However, more and more people find it impractical to regularly indulge in high-dose psilocybin journeys or sometimes are worried about the intensity of such high-dose journeys. Instead, they try to include regular dosing of psychedelics, such as psilocybin or LSD, in much smaller quantities in their daily lives. This practice is called psychedelic microdosing.
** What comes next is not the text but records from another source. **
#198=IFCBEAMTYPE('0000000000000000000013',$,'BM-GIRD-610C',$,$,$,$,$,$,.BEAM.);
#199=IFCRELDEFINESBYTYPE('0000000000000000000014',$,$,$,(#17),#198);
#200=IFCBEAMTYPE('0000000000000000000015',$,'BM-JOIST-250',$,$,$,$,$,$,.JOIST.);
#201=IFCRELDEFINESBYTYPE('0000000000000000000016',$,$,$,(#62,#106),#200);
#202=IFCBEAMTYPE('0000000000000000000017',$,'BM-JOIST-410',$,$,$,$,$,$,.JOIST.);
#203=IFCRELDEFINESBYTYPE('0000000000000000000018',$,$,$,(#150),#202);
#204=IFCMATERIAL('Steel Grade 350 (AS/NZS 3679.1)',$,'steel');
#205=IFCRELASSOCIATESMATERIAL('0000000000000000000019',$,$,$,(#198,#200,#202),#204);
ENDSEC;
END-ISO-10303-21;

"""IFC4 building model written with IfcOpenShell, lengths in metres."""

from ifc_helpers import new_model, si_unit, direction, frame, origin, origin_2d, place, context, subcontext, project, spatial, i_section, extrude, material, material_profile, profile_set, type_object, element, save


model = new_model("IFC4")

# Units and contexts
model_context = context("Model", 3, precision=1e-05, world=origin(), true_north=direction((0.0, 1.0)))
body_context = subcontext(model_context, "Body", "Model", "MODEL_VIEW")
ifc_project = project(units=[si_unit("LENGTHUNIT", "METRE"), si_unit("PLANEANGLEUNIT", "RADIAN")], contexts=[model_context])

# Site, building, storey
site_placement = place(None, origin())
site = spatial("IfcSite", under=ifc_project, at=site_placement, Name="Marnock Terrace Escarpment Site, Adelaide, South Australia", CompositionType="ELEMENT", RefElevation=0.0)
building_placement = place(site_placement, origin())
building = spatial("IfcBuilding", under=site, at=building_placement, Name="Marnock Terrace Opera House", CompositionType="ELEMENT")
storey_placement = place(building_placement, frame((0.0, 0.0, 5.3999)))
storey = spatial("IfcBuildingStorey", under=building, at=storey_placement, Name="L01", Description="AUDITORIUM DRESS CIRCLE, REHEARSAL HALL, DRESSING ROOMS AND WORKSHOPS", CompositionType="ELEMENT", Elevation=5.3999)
Microdosing and macrodosing are two such modalities that offer distinctive paths to self-development and self-discovery, each utilizing a varying dose and context to our path of personal growth. This article delves into the potential of both microdosing and macrodosing for personal growth, comparing its benefits and downsides. It took us weeks to write this article and to review the available evidence on microdosing and macrodosing so that you don’t have to. We hope it enlightens your path forward. 

1. What is microdosing?

microdosing psychedelics, low intensity

Microdosing involves taking “micro” or very small, sub-perceptual quantities of substances such as LSD or psilocybin. The doses are typically a small fraction of a full-dose that would be used in macrodosing Usually, we are talking about 1/5 down to 1/20 of a macro dose. Proponents of this method claim it  enhances mood, productivity, mindfulness, creativity, and cognition without significant perceptual alterations or psychedelic experiences. As the article “How Silicon Valley rediscovered LSD”[1] shows, microdosing is heralded by creative minds and corporate leaders for its propensity to cultivate out-of-the-box thinking and heightened productivity, thereby transcending the bounds of personal development to touch upon professional excellence.
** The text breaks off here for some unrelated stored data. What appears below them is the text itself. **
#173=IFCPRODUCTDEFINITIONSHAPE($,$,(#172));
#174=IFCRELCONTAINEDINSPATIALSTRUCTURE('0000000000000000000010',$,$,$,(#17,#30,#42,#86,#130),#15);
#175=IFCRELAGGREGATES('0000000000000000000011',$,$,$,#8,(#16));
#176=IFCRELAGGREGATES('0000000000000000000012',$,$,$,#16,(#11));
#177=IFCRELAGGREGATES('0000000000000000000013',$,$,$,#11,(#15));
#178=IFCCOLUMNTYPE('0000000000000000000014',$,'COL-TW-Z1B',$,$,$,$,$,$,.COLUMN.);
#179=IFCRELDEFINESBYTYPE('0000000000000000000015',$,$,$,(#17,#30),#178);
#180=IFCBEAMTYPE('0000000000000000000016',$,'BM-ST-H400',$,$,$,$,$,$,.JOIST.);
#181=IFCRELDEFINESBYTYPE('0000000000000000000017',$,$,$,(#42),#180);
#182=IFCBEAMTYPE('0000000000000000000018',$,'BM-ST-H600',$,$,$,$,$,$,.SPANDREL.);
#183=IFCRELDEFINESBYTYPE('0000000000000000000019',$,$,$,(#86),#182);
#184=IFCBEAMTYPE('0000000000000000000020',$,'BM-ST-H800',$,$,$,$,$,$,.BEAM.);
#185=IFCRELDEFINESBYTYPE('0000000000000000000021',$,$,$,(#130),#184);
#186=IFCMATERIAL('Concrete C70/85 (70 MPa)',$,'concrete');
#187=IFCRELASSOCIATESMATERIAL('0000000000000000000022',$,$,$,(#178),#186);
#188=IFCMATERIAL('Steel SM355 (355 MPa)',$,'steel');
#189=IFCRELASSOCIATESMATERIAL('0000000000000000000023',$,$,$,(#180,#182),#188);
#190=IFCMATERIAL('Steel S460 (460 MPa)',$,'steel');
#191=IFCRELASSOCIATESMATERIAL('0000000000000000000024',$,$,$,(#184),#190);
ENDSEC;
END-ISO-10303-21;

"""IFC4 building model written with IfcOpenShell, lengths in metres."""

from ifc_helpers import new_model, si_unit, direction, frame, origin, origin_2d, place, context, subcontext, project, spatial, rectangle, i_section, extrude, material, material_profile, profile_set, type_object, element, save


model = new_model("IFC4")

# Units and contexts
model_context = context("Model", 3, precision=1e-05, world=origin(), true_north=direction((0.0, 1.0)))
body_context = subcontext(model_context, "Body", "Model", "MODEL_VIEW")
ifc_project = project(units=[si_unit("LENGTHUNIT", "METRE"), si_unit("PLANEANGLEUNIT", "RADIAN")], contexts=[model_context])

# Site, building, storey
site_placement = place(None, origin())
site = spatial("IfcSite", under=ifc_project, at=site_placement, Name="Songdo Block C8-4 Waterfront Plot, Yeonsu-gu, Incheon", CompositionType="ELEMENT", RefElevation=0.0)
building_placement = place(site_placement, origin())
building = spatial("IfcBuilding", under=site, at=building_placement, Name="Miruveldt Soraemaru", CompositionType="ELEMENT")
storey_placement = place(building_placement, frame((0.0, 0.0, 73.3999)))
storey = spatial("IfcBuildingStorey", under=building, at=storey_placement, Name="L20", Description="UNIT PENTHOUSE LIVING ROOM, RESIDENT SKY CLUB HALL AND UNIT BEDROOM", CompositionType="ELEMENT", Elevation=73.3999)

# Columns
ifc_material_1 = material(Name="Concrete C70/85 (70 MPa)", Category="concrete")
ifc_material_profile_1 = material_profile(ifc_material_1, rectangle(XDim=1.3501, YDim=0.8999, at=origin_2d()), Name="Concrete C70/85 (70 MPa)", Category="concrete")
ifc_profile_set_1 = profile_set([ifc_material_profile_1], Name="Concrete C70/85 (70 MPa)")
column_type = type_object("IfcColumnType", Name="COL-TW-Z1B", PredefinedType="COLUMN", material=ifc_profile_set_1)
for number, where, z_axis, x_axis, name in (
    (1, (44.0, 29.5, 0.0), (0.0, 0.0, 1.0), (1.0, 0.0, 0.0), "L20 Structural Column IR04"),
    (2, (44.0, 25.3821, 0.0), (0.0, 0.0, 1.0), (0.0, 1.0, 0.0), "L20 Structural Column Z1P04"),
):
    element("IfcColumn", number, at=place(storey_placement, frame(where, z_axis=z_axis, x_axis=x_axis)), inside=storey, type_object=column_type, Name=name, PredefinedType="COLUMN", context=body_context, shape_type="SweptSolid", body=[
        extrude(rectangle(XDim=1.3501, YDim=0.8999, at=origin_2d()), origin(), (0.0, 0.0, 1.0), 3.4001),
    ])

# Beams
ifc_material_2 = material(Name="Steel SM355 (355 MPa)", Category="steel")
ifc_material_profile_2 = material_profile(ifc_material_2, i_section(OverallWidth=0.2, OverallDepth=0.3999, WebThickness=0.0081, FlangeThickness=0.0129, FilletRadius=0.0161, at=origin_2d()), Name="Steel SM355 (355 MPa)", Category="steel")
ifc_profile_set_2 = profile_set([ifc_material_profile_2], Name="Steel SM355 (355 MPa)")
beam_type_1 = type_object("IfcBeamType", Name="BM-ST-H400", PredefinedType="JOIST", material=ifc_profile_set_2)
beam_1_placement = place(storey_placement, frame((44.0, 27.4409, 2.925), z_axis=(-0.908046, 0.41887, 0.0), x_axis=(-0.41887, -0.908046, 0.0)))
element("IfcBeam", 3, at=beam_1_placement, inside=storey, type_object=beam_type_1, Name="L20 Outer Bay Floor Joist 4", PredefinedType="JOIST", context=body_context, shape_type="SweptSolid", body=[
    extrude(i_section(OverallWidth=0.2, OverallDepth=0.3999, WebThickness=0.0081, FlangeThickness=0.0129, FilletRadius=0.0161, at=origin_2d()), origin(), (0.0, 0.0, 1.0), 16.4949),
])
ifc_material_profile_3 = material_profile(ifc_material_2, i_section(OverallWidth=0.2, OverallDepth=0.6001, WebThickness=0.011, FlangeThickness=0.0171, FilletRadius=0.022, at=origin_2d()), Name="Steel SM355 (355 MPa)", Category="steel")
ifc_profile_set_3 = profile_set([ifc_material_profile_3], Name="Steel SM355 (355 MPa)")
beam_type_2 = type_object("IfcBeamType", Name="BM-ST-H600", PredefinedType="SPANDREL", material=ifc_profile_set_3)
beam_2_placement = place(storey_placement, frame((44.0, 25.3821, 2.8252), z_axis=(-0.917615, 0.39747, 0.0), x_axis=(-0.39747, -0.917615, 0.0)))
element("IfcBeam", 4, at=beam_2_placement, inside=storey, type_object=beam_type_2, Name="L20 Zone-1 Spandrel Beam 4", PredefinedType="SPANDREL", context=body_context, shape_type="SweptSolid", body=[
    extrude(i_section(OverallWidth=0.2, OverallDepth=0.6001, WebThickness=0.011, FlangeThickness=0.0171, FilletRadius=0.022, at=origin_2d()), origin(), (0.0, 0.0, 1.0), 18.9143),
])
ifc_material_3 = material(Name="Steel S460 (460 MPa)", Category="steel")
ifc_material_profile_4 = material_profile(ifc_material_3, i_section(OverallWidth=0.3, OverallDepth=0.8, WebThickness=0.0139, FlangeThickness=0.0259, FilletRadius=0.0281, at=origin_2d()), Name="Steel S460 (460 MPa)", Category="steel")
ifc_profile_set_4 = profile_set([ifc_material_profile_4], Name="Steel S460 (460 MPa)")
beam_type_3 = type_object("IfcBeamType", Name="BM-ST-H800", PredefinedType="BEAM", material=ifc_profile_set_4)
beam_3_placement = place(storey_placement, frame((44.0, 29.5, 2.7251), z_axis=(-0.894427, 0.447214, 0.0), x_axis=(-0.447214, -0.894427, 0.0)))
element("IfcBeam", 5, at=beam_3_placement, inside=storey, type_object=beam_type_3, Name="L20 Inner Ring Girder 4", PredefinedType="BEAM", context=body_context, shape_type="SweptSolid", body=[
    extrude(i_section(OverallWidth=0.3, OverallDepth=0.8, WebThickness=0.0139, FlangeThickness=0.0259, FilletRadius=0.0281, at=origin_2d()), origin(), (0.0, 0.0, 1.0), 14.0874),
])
The recent surge in popularity of microdosing has its roots in James Fadiman’s 2011 book, “The Psychedelic Explorers Guide.”[2] This publication brought the concept of microdosing into the mainstream, sparking a wave of personal accounts, media coverage, and scientific studies on the topic. One of the most popular accounts of the positive impacts of microdosing is Ayelet Waldman’s book “A Really Good Day”.[3] Ayelet Waldman, a successful public federal defender, struggled with deep depression beneath her outward success. Inspired by James Fadiman’s work on microdosing, she decided to try it herself and experienced a profound transformation. For the first time, she felt that something helps against her depression. She overcame her mood swings and gained newfound confidence. This journey not only altered her mental health but also fundamentally changed her perspective on life.

2. Summing up the scientific evidence

While all those individual reports about the positive effects of microdosing sound alluring,  the question is if those anecdotal claims of microdosing really can be substantiated?
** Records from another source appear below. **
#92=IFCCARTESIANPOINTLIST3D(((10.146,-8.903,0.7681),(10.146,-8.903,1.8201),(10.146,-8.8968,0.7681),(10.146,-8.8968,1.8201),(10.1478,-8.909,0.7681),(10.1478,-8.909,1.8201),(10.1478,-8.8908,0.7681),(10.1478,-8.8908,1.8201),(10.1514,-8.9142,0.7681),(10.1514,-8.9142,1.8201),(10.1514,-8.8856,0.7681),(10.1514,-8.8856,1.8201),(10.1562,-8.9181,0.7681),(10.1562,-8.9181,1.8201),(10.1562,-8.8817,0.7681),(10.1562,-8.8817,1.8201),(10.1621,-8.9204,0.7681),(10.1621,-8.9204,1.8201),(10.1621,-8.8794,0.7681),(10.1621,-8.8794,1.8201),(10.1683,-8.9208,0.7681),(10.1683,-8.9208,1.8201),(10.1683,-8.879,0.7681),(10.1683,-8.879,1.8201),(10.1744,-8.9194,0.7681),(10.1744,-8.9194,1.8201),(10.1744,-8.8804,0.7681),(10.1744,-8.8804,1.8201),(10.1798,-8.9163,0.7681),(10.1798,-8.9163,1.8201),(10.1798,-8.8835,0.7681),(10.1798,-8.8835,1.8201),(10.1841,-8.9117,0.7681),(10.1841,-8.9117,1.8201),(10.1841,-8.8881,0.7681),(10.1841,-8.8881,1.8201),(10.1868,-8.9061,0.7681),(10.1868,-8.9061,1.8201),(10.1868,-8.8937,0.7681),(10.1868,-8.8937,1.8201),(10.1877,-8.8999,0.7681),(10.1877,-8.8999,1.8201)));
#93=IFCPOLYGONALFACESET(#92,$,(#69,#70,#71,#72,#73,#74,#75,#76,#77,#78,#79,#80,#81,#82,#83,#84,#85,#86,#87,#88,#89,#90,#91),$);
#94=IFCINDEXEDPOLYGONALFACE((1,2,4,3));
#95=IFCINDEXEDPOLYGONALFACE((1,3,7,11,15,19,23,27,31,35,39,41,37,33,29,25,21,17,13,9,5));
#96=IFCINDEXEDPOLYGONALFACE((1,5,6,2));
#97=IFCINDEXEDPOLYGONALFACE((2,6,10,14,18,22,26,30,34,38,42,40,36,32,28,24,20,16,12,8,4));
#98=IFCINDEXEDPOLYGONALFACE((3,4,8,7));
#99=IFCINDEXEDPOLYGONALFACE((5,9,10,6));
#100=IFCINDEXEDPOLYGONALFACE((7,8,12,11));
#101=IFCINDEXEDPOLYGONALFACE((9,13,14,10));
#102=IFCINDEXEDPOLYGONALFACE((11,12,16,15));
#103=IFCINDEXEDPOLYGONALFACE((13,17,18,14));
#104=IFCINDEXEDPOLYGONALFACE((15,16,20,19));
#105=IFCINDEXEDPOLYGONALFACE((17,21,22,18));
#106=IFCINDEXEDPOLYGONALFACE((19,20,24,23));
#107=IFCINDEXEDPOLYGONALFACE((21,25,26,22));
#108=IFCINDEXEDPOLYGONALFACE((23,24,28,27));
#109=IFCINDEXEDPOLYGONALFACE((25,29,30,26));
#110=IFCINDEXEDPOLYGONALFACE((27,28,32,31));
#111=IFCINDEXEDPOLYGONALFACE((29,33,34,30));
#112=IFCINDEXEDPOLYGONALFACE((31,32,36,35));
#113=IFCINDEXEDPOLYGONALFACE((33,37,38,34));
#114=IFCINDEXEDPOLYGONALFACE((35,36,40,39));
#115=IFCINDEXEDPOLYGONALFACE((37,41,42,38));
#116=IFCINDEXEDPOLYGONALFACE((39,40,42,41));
What is clear is that the scientific evaluation of microdosing benefits is still in its nascent stages. Unfortunately, the answer isn’t clear-cut if microdosing is really effective. While certain research suggests tangible benefits from microdosing, other studies offer less compelling evidence, showing minimal or no advantages. For instance, a recent observational study involving almost 1000 individuals microdosing psilocybin and almost 200 non-microdosing participants over a month revealed modest enhancements in mood and mental health, consistent across various demographics and mental health statuses.
[4] Such findings align with numerous personal accounts praising microdosing’s positive impacts.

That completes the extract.